Launch rate calculations¶

The io_test.sh script launches $16$ jobs in parallel, and each job has a duration of $20$ minutes. This results in a job launch rate of

$\frac{16 ~ \text{jobs}}{20 ~ \text{min}} = 0.8 ~ \text{jobs per minute}$

that is lower than the rule of thumb limit of $10$ jobs per minute. Imagine for instance that we do not limit the maximum number of tasks that can run in parallel by overriding the --array option.

sbatch --array=0-255 io_test.sh

Then, up to all

$256$ can run in parallel and each job has a duration of

$20$ minutes, which would result in a peak allocation rate of

$\frac{256}{20} = 12.8 ~ \text{jobs per minute}$

a lunch rate that is momentarily above the rule of rule of thumbs limit of $10$ jobs per minute. Therefore, a limit in the maximum number of parallel running jobs should be considered.

Limiting the job launch rate

The MaxArraySize limit in UL HPC systems makes it difficult to exceed the suggested limit of job launches per minute. However, in case you need to launch more that 1000 jobs or you expect a job launch rate that is more that 10 jobs per minute, please consider using GNU parallel.

Writing launch scripts¶

Array indices can be used to differentiate the input of a task.

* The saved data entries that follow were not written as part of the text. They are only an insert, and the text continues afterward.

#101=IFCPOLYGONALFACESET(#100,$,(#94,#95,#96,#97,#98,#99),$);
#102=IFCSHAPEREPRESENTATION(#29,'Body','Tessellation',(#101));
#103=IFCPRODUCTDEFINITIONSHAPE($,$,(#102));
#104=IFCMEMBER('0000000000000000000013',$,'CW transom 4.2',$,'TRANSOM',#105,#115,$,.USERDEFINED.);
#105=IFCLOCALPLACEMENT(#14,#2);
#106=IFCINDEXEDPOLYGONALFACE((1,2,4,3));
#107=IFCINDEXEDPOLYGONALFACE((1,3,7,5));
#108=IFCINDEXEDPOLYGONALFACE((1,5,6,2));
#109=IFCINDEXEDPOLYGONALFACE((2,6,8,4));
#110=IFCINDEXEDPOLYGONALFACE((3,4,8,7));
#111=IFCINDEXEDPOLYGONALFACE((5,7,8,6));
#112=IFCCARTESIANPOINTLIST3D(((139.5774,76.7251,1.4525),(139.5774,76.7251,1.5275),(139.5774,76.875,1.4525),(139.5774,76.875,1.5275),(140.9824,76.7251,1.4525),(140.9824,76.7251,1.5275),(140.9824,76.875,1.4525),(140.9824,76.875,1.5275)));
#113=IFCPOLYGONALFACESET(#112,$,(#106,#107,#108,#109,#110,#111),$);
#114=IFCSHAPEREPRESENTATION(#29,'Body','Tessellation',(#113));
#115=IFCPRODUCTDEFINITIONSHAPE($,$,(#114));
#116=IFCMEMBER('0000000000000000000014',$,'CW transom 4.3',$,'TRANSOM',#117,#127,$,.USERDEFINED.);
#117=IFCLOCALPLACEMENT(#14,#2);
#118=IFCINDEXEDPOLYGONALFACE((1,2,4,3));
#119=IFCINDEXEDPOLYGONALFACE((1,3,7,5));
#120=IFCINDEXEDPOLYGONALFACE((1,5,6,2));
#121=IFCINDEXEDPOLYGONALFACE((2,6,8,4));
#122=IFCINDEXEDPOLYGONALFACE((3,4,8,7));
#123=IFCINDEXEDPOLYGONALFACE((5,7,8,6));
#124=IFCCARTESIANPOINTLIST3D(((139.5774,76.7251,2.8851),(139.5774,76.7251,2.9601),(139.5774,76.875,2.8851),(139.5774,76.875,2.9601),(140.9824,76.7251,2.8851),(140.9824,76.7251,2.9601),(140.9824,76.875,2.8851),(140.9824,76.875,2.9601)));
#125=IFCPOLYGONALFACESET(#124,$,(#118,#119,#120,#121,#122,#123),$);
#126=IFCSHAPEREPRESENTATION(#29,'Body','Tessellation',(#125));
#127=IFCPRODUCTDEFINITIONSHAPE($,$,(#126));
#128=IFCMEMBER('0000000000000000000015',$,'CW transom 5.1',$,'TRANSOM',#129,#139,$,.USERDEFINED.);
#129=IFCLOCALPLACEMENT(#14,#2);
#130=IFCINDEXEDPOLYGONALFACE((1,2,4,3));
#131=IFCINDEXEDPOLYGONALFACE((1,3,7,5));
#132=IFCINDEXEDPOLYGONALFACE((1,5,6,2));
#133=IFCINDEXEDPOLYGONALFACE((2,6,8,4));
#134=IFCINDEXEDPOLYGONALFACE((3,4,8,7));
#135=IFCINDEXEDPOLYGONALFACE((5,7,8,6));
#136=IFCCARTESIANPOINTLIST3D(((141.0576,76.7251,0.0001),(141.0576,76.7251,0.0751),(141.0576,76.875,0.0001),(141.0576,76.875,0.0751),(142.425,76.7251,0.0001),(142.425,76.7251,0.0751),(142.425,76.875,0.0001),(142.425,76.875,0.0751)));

In the following example, a script creates programmatically a job array to run a parametric investigation on a 2-dimensional input, and then launches the job array.

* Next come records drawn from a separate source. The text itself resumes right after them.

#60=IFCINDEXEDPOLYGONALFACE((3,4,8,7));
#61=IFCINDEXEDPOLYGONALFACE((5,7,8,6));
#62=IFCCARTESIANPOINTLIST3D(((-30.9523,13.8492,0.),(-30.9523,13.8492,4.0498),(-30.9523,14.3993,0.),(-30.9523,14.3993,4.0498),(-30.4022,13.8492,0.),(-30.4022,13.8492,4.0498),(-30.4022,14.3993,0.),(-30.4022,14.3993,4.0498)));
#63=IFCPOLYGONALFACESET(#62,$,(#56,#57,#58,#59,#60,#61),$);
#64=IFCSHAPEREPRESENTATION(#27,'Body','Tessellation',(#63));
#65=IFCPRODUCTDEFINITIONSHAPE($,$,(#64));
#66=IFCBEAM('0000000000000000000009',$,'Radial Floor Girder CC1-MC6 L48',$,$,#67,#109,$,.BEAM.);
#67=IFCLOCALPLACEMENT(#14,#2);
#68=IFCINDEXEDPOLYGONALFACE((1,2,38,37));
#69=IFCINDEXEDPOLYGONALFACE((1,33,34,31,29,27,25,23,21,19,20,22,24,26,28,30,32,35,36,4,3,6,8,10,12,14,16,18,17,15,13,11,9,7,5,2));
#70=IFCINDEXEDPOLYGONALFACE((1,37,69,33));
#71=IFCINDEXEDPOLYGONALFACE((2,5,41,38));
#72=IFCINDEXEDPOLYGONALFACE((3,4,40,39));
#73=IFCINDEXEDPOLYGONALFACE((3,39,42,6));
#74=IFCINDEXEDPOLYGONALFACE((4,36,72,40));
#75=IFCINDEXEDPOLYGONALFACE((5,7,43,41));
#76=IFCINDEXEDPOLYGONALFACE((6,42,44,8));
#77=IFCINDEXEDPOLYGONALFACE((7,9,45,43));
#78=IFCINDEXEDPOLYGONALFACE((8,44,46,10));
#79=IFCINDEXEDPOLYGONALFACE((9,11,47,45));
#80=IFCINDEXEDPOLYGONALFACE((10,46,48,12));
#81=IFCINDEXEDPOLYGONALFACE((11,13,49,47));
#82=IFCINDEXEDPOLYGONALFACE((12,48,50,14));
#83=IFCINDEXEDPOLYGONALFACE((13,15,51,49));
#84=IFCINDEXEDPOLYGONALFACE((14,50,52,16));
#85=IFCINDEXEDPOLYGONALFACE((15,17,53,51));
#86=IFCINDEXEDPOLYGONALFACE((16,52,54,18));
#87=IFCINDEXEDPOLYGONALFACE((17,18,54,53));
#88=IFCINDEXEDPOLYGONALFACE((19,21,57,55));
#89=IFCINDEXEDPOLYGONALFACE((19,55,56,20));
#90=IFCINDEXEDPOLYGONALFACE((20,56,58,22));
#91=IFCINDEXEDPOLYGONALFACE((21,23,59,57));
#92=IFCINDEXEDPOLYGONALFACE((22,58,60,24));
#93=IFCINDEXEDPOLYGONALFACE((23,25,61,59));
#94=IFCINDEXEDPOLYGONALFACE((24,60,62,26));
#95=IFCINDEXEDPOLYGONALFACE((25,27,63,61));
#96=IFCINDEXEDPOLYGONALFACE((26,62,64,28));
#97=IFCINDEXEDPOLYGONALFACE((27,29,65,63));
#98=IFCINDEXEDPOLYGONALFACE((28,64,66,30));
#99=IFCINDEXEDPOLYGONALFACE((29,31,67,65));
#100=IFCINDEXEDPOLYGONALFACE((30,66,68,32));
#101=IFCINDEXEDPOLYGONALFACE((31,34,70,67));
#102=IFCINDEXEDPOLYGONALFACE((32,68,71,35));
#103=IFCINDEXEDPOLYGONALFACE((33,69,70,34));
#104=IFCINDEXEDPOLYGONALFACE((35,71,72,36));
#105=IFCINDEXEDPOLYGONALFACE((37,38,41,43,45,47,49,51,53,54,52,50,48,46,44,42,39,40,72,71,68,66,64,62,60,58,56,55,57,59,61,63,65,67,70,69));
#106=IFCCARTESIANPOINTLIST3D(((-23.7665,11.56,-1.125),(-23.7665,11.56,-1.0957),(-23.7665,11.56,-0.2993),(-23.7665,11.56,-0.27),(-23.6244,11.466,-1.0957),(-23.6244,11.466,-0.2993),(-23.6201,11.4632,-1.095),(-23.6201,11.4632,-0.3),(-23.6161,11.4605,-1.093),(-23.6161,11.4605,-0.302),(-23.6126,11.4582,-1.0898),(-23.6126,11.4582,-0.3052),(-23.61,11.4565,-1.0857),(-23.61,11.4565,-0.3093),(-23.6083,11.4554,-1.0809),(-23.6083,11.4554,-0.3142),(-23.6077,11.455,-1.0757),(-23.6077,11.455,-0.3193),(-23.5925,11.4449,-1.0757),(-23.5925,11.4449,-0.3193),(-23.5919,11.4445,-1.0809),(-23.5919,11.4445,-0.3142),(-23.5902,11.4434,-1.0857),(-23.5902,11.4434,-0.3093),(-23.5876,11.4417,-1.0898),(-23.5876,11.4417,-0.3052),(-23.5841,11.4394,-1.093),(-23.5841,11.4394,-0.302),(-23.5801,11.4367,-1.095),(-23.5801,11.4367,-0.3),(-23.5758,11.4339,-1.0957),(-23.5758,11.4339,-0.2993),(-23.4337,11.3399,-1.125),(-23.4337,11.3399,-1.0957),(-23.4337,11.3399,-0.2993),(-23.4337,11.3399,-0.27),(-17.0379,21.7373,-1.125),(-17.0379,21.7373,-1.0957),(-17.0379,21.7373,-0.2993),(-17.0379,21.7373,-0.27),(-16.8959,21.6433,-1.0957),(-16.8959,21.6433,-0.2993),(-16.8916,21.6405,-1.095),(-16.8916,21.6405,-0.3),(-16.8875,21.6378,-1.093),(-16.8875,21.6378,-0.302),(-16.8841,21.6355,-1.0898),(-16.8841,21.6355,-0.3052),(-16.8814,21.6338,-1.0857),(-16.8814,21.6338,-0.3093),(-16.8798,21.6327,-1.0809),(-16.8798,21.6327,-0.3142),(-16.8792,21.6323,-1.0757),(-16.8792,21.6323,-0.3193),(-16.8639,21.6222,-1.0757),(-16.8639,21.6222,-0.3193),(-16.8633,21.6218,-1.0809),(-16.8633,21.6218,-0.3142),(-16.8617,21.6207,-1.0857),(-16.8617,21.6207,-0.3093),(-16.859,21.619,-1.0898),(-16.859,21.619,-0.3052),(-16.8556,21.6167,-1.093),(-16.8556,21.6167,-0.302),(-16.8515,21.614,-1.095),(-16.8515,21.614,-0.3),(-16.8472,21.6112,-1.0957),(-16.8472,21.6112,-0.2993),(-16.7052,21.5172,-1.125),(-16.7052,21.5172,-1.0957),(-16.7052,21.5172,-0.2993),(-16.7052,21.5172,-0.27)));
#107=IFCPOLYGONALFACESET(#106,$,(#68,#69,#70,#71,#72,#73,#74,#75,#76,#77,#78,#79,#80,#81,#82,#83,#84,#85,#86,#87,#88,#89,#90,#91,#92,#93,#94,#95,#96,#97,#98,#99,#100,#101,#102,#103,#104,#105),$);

launch_parammetric_analysis.sh

#!/usr/bin/bash --login

declare max_parallel_tasks=16
declare speed_step=0.01

generate_commands() {
  local filename="${1}"

  echo -n > ${filename}
  declare nx ny vx vy
  for nx in $(seq 1 10); do
    for ny in $(seq 1 10); do
      vx="$(echo "${nx}"*"${speed_step}" | bc --mathlib)"
      vy="$(echo "${ny}"*"${speed_step}" | bc --mathlib)"
      echo "simulate_with_drift.py '${vx}' '${vy}' --output-file='speed_idx_${nx}_${ny}.dat'" >> ${filename}
    done
  done
}

generate_submission_script() {
  local submission_script="${1}"
  local command_script="${2}"

  local n_commands="$(cat ${command_script} | wc --lines)"
  local max_task_id="$((${n_commands} - 1))"

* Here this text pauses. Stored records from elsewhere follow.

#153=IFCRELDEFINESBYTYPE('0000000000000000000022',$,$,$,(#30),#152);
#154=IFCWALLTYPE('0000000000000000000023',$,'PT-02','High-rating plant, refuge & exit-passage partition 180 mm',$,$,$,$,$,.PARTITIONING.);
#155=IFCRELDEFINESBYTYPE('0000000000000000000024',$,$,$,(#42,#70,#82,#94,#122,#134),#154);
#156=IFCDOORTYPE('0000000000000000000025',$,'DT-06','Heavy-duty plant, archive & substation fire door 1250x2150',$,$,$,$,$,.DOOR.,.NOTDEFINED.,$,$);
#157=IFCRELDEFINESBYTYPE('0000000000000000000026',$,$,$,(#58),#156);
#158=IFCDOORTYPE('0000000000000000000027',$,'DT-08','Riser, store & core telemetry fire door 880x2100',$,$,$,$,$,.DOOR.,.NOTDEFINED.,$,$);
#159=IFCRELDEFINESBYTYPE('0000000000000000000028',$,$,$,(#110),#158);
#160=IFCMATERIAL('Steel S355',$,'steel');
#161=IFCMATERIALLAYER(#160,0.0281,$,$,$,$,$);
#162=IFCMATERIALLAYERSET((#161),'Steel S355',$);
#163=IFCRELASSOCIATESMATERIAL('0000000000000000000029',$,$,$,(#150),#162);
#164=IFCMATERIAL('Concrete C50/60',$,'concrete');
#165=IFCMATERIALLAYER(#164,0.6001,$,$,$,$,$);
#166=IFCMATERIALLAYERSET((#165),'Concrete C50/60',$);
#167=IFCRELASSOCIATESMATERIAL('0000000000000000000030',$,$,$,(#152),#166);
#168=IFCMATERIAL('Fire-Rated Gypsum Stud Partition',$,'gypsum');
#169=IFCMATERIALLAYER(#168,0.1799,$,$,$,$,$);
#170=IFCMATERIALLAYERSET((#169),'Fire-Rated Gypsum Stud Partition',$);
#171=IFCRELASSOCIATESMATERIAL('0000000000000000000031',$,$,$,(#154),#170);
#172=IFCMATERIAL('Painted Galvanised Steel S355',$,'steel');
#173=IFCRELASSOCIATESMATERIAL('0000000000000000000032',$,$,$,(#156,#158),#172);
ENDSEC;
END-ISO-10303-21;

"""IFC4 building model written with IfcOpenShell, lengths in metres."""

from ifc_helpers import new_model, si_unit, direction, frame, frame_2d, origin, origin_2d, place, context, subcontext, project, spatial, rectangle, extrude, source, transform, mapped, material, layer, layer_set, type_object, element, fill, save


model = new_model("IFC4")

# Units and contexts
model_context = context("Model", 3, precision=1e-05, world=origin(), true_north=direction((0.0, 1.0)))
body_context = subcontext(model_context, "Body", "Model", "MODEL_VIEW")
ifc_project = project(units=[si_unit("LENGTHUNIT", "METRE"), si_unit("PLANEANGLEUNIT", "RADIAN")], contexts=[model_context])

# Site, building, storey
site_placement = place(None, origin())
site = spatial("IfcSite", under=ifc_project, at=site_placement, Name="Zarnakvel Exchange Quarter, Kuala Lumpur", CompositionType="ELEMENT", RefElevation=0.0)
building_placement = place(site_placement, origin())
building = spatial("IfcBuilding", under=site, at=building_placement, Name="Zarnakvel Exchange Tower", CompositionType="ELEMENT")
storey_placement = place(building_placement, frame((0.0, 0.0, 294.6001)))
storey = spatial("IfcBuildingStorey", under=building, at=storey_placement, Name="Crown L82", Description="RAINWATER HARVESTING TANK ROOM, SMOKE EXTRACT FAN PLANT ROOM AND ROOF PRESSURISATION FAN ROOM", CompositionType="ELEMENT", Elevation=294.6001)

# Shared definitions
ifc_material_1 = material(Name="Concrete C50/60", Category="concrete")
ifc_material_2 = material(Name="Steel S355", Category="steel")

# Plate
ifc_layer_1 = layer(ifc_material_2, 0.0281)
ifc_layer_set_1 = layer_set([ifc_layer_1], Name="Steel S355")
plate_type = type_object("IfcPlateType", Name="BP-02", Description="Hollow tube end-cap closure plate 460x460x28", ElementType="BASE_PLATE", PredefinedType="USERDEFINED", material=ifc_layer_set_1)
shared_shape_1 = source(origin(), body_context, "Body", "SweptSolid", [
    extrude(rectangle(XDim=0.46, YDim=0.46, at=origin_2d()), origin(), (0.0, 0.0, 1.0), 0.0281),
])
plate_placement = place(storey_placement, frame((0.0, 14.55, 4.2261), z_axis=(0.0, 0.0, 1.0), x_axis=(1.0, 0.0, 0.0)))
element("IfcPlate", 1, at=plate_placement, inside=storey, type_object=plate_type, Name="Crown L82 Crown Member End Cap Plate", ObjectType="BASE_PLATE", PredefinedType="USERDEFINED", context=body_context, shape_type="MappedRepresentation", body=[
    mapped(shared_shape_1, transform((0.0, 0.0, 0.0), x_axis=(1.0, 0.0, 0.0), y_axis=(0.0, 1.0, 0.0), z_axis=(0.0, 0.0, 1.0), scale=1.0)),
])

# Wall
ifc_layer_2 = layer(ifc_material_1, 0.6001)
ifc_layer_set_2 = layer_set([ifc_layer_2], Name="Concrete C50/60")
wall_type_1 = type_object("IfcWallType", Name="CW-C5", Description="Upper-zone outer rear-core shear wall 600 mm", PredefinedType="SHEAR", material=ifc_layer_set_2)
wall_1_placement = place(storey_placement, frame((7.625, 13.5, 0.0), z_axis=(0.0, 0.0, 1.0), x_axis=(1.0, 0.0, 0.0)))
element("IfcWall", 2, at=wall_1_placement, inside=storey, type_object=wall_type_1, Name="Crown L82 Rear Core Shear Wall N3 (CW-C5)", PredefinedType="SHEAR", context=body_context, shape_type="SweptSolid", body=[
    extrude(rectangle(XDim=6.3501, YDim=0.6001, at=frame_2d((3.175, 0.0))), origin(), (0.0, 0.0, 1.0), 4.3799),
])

  cat > job_array_script.sh <<EOF
#!/bin/bash --login
#SBATCH --job-name=parametric_analysis
#SBATCH --array=0-${max_task_id}%${max_parallel_tasks}
#SBATCH --partition=batch
#SBATCH --qos=normal
#SBATCH --nodes=1
#SBATCH --ntasks-per-node=1
#SBATCH --cpus-per-task=16
#SBATCH --time=0-10:00:00
#SBATCH --output=%x-%A_%a.out
#SBATCH --error=%x-%A_%a.err

module load lang/Python

declade command="\$(sed "\${SLURM_ARRAY_TASK_ID}"'!d' ${command_script})"

echo "Running commnand: \${command}"
eval "srun python \${command}"
EOF
}

generate_commands 'commands.sh'
generate_submission_script 'job_array_script.sh' 'commands.sh'

sbatch job_array_script.sh

Run the launch_parammetric_analysis.sh script with the bash command.

bash launch_parammetric_analysis.sh

Avoiding script generation

Script generation is a complex and error prone command. In this example script generation is unavoidable, as the whole parametric analysis cannot run in a single job of the normal QoS which has the default maximum wall time (MaxWall) of 2 days. The expected runtime on each simulation would be about $0.25$ to $0.5$ of the maximum wall time (--time) which is set at 10 hours.

If all the parametric analysis can run within the 2 day limit, then consider running the analysis in a single allocation using GNU parallel. You can then generate the command file and lauch the simulation all from a single script in a single job allocation.